In 1989, SGP's Energy and Environmental Technology Division and VA Finalindustrie merged, becoming SGP VA Energie- und Umwelttechnik, which merged in 1992 with Environmental Technology Division of Waagner Biro AG to form Austrian Energy & Environment SGP/Waagner Biro GmbH, the biggest energy firm in Austria. In 1996, Austrian Energy bought Tetra Industrietechnik and the environmental business of Sulzer Chemtech AG, and in 1997, Austrian Energy bought the reverse osmosis desalinization unit of Elin Energieversorgung and 70 percent of the shares of Puraqua shares from Energie Steirmark. VA Tech/Austrian Energy bought the remaining 30 percent of Puraqua in 1999.

During the 1990s, Wabag Kulmbach started a Leipzig subsidiary, purchased Water Engineering, Ltd., a British company, and the Belgian company STEP including a Tunisia branch, and bought an interest in AEW ESMIL. Also in the 1990s, Wabag added Salzburg and Brno branches.

===VA Tech Wabag===
In 1999, VA Technologie (a spinoff from VOEST Alpine) acquired the Wabag Group of Deutsche Babcock, taking over that company's water business. With this purchase, Austrian Energy & Environment became VA Tech Wabag GmbH. VA Tech Wabag Ltd. was formed in 2000, after the Madras High Court approved separating the operations other than water from Balcke Dürr & Wabag Technologies Ltd., whose India operations began in 1995.

On 14 July 2005, the European Commission approved an offer by Siemens AG Österreich for 97.15 of VA Technologie AG for about one billion euros.

In 2004, the metallurgy, power transmission and distribution and infrastructure units, which became part of Siemens, totalled 3 billion euros. These units, employing about 13,000, added to Siemens' significant presence in Austria. The acquisition gave Siemens potential growth in Eastern Europe.

VAI became part of the Siemens Industrial Solutions and Services Group (I&S), headquartered in Erlangen, Germany, though the VAI unit would operate separately with a Linz, Austria headquarters. VAI had dealt with technical solutions for building plants for iron, steel and aluminum, while Siemens made electrotechnical equipment.

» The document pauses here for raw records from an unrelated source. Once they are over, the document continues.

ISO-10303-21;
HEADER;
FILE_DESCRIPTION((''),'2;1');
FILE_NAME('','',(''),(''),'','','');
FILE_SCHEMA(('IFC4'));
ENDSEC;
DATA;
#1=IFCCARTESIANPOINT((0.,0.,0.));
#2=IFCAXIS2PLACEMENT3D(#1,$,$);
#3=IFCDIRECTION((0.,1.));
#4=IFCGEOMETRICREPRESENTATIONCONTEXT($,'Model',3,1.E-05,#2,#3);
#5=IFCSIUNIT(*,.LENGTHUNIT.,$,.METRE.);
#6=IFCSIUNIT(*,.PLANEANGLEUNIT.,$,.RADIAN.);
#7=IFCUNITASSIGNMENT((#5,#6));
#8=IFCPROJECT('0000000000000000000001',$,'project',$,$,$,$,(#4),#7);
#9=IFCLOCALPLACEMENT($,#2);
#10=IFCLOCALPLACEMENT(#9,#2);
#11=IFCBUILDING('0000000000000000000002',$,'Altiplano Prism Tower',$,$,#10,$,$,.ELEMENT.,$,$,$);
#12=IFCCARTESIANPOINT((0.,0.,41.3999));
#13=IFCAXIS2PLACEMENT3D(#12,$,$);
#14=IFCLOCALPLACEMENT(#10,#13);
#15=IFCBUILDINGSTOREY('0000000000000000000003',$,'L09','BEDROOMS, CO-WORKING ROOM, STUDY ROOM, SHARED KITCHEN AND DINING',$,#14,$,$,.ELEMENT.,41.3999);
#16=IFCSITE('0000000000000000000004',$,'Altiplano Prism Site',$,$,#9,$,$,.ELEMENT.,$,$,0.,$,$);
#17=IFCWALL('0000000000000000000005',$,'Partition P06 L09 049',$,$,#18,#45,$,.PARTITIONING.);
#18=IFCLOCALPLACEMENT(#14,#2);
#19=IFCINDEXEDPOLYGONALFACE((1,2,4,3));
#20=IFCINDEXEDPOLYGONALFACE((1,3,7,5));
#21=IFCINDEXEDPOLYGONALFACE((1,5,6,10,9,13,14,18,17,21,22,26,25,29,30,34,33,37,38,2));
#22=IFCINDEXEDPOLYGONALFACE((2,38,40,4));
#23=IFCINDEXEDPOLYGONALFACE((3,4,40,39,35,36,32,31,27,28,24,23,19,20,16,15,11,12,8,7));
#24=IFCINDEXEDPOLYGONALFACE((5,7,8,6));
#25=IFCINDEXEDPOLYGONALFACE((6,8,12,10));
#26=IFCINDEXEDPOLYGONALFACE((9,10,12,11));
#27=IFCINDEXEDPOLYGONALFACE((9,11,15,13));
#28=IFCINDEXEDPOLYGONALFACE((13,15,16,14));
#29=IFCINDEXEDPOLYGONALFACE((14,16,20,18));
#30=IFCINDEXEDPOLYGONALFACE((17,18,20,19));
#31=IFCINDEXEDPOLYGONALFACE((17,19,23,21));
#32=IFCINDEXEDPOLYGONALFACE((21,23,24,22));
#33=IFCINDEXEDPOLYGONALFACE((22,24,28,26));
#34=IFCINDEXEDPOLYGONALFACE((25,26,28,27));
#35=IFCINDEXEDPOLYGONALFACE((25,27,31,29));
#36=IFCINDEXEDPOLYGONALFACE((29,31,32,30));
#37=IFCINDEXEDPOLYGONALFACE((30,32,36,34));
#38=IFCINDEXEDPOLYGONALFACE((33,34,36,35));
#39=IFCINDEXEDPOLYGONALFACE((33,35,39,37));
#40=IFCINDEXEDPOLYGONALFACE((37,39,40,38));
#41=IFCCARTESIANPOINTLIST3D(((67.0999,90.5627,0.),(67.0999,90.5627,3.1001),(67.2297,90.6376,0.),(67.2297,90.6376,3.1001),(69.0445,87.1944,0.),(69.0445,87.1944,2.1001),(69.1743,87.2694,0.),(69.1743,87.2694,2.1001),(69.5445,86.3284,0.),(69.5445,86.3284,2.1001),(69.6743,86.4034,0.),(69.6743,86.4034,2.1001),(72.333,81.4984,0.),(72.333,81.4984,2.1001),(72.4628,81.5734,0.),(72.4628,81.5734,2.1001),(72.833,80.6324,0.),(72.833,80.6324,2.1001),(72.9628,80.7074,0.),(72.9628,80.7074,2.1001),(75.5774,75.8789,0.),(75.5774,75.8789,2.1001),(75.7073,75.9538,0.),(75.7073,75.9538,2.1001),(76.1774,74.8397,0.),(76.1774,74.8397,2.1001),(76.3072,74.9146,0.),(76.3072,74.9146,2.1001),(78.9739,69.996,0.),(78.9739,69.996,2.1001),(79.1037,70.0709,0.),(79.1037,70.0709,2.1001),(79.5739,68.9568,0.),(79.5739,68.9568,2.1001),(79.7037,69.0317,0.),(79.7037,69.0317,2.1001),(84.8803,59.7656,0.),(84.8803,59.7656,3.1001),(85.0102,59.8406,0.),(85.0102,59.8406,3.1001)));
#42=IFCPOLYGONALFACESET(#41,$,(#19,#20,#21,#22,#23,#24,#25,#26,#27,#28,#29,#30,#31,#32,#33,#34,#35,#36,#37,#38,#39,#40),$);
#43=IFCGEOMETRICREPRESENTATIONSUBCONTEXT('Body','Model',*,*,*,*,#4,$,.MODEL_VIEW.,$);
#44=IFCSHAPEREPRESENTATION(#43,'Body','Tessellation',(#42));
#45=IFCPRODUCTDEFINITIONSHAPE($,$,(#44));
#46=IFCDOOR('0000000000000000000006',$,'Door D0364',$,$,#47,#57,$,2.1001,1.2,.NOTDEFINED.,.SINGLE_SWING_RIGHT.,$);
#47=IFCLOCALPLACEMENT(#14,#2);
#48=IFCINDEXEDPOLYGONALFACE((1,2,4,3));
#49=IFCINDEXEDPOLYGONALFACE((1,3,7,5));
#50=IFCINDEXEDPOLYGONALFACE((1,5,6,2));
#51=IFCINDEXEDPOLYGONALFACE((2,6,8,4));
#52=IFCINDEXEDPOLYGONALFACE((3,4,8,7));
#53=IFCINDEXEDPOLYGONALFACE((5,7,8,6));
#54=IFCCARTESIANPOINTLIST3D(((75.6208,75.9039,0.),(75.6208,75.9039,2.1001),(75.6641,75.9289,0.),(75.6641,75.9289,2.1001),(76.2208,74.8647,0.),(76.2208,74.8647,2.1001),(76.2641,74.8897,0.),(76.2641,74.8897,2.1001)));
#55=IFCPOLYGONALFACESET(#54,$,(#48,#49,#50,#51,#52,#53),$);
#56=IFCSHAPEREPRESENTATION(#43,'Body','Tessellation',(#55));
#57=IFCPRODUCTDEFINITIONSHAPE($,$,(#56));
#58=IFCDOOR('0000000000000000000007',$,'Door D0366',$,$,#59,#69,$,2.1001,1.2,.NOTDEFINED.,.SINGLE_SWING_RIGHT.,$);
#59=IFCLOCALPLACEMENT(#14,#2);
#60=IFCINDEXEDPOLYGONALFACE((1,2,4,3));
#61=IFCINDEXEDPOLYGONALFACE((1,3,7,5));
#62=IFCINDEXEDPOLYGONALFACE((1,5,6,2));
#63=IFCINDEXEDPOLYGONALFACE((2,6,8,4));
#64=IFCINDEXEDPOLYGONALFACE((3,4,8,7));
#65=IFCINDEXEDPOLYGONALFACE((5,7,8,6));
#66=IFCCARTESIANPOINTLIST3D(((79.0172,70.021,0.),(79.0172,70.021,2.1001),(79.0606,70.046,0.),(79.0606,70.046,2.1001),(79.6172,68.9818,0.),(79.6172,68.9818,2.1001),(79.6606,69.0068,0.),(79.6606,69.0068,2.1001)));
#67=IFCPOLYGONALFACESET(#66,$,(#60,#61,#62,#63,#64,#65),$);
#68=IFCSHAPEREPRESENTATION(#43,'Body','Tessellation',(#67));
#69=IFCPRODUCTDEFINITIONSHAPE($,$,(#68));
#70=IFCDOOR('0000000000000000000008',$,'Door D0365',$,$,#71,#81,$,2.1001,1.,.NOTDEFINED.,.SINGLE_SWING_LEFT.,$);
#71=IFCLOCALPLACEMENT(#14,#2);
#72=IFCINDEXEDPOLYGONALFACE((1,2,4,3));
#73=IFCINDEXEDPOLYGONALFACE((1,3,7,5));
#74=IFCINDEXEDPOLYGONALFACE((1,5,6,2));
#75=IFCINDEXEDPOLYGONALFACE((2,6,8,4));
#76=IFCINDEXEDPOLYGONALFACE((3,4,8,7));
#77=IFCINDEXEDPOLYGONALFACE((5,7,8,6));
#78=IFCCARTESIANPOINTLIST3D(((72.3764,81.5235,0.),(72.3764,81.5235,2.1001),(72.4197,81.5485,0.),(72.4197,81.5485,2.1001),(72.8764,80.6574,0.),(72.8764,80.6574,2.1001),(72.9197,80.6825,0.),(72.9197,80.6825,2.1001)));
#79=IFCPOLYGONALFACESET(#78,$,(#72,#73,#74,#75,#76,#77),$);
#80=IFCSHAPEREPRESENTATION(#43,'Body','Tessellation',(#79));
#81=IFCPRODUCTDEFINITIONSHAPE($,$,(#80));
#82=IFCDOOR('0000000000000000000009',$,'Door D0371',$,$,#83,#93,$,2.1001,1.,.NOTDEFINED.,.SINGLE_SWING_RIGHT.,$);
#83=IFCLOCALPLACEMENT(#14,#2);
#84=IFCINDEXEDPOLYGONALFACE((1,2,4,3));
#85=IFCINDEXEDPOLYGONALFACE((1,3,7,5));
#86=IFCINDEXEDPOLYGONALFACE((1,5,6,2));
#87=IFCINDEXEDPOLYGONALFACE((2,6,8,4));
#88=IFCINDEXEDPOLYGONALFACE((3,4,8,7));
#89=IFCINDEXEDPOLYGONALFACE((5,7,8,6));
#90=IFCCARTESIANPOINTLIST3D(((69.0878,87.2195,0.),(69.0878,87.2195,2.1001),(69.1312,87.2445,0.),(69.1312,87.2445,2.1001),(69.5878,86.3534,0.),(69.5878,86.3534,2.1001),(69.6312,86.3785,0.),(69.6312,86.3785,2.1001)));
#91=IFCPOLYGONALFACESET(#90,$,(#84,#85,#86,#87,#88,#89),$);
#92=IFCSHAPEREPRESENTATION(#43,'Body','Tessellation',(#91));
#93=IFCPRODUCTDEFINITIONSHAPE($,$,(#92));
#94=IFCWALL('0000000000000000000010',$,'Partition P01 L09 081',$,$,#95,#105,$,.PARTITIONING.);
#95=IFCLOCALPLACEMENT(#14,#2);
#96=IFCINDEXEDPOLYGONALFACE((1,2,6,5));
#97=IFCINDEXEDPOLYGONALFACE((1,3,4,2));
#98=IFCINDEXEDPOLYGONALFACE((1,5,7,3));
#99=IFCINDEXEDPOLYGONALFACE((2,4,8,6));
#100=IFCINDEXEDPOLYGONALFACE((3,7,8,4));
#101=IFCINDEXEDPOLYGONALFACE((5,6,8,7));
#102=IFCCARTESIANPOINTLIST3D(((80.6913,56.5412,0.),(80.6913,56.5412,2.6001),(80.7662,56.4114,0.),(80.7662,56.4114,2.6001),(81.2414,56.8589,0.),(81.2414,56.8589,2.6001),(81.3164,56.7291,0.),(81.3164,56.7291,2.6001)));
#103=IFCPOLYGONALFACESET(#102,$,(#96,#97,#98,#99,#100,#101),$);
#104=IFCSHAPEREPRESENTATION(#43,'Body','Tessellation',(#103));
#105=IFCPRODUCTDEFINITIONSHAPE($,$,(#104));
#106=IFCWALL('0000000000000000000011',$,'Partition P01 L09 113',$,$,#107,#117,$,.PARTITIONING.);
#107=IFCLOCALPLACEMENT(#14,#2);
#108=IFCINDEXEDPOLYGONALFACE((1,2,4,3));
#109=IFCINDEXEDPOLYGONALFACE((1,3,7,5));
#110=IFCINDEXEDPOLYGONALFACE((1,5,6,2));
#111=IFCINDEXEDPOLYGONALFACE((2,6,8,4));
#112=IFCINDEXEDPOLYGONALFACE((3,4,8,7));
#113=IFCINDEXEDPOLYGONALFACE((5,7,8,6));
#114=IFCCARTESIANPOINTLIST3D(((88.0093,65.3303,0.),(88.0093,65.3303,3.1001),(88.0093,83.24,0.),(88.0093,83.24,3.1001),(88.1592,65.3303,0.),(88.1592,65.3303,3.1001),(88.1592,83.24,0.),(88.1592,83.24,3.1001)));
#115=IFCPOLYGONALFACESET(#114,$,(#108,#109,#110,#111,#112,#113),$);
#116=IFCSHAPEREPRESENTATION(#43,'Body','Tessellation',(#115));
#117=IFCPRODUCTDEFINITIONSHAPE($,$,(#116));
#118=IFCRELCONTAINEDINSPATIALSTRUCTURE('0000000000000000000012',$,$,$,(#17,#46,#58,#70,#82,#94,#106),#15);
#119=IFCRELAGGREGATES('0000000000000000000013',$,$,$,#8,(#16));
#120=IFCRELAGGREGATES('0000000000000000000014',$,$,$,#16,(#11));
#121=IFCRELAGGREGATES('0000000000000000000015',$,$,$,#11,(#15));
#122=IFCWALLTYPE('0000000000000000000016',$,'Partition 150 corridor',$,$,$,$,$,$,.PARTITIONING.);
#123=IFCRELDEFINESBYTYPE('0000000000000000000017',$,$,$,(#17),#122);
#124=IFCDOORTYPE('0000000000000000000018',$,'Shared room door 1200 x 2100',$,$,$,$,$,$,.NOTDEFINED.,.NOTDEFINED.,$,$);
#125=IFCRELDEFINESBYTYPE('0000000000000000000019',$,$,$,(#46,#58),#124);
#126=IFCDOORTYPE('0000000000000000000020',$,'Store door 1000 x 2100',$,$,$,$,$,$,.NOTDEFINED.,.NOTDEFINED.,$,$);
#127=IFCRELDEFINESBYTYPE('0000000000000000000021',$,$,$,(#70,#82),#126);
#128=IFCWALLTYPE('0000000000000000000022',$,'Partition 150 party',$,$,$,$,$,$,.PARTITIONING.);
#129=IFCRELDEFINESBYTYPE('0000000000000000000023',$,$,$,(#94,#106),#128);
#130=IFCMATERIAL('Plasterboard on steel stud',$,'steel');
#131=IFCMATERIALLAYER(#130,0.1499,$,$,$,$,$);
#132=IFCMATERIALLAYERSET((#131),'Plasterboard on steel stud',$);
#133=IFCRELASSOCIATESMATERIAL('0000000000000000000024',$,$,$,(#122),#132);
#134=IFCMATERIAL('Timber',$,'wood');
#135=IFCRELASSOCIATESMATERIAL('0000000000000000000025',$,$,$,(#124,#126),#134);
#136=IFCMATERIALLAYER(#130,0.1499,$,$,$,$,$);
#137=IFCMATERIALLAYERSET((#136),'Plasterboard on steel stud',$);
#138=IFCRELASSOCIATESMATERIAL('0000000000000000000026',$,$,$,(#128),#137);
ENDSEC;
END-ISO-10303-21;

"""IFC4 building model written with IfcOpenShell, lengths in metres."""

from ifc_helpers import new_model, si_unit, direction, frame, frame_2d, origin, place, context, subcontext, project, spatial, rectangle, extrude, material, layer, layer_set, type_object, element, fill, save


model = new_model("IFC4")

# Units and contexts
model_context = context("Model", 3, precision=1e-05, world=origin(), true_north=direction((0.0, 1.0)))
body_context = subcontext(model_context, "Body", "Model", "MODEL_VIEW")
ifc_project = project(units=[si_unit("LENGTHUNIT", "METRE"), si_unit("PLANEANGLEUNIT", "RADIAN")], contexts=[model_context])

# Site, building, storey
site_placement = place(None, origin())
site = spatial("IfcSite", under=ifc_project, at=site_placement, Name="Altiplano Prism Site", CompositionType="ELEMENT", RefElevation=0.0)
building_placement = place(site_placement, origin())
building = spatial("IfcBuilding", under=site, at=building_placement, Name="Altiplano Prism Tower", CompositionType="ELEMENT")
storey_placement = place(building_placement, frame((0.0, 0.0, 41.3999)))
storey = spatial("IfcBuildingStorey", under=building, at=storey_placement, Name="L09", Description="BEDROOMS, CO-WORKING ROOM, STUDY ROOM, SHARED KITCHEN AND DINING", CompositionType="ELEMENT", Elevation=41.3999)

# Shared definitions
ifc_material_1 = material(Name="Plasterboard on steel stud", Category="steel")

# Shared definitions
ifc_material_2 = material(Name="Timber", Category="wood")

# Shared definitions
ifc_layer_1 = layer(ifc_material_1, 0.1499)
ifc_layer_set_1 = layer_set([ifc_layer_1], Name="Plasterboard on steel stud")
wall_type_1 = type_object("IfcWallType", Name="Partition 150 corridor", PredefinedType="PARTITIONING", material=ifc_layer_set_1)

# Shared definitions
door_type_1 = type_object("IfcDoorType", Name="Shared room door 1200 x 2100", OperationType="NOTDEFINED", PredefinedType="NOTDEFINED", material=ifc_material_2)

# Wall, openings, doors
wall_1_placement = place(storey_placement, frame((84.9453, 59.803, 0.0), z_axis=(0.0, 0.0, 1.0), x_axis=(-0.499996, 0.866028, 0.0)))
wall_1 = element("IfcWall", 1, at=wall_1_placement, inside=storey, type_object=wall_type_1, Name="Partition P06 L09 049", PredefinedType="PARTITIONING", context=body_context, shape_type="SweptSolid", body=[
    extrude(rectangle(XDim=35.5613, YDim=0.1499, at=frame_2d((17.7808, 0.0))), origin(), (0.0, 0.0, 1.0), 3.1001),
])
opening_1_placement = place(wall_1_placement, frame((17.406, 0.0, 0.0)))
opening_1 = element("IfcOpeningElement", 2, at=opening_1_placement, cuts=wall_1, PredefinedType="OPENING", context=body_context, shape_type="SweptSolid", body=[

Both areas would be in one company as a result of the merger.

The VA Tech power transmission and distribution unit became part of the Siemens Power Transmission and Distribution Group, headquartered in Erlangen.

The infrastructure business (VA Tech Elin EBG and ai informatics) made Siemens "the largest Austrian provider of electrotechnical equipment, systems and services for industry, building and communal infrastructure, and for IT services".

A squeeze out was planned, with VA Tech being delisted.

Because of antitrust concerns, Siemens had to sell VA Tech's power generation unit, which had 2004 sales of 900 million euros and about 3000 employees. Andritz AG bought the hydroelectric power division in 2006 for an estimated 200 million euros. The VA Tech Hydro unit changed its name to Andritz VA Tech Hydro GmbH and became a subsidiary of Andritz AG.
Also in 2005, Rajiv Mittal headed a management group along with ICICI Venture bought out the Chennai-based VA Tech India, a VA Tech Wabag GmbH subsidiary started in 1996. In 2007, VA Tech India acquired the erstwhile Austrian parent from Siemens for about $100 million. The deal was completed 6 November 2007.

In 2008, Wabag Water Services SRL in Ploiești, Romania and Wabag Water Services Limited in Macau were incorporated.

In 2009, Mittal's management team owned 38 percent, and ICICI owned 31 percent, of VA Tech Wabag. The company incorporated a China subsidiary.

In 2010, Va Tech Wabag was listed in the Indian stock exchanges - National Stock Exchange (NSE) and Bombay Stock Exchange (BSE).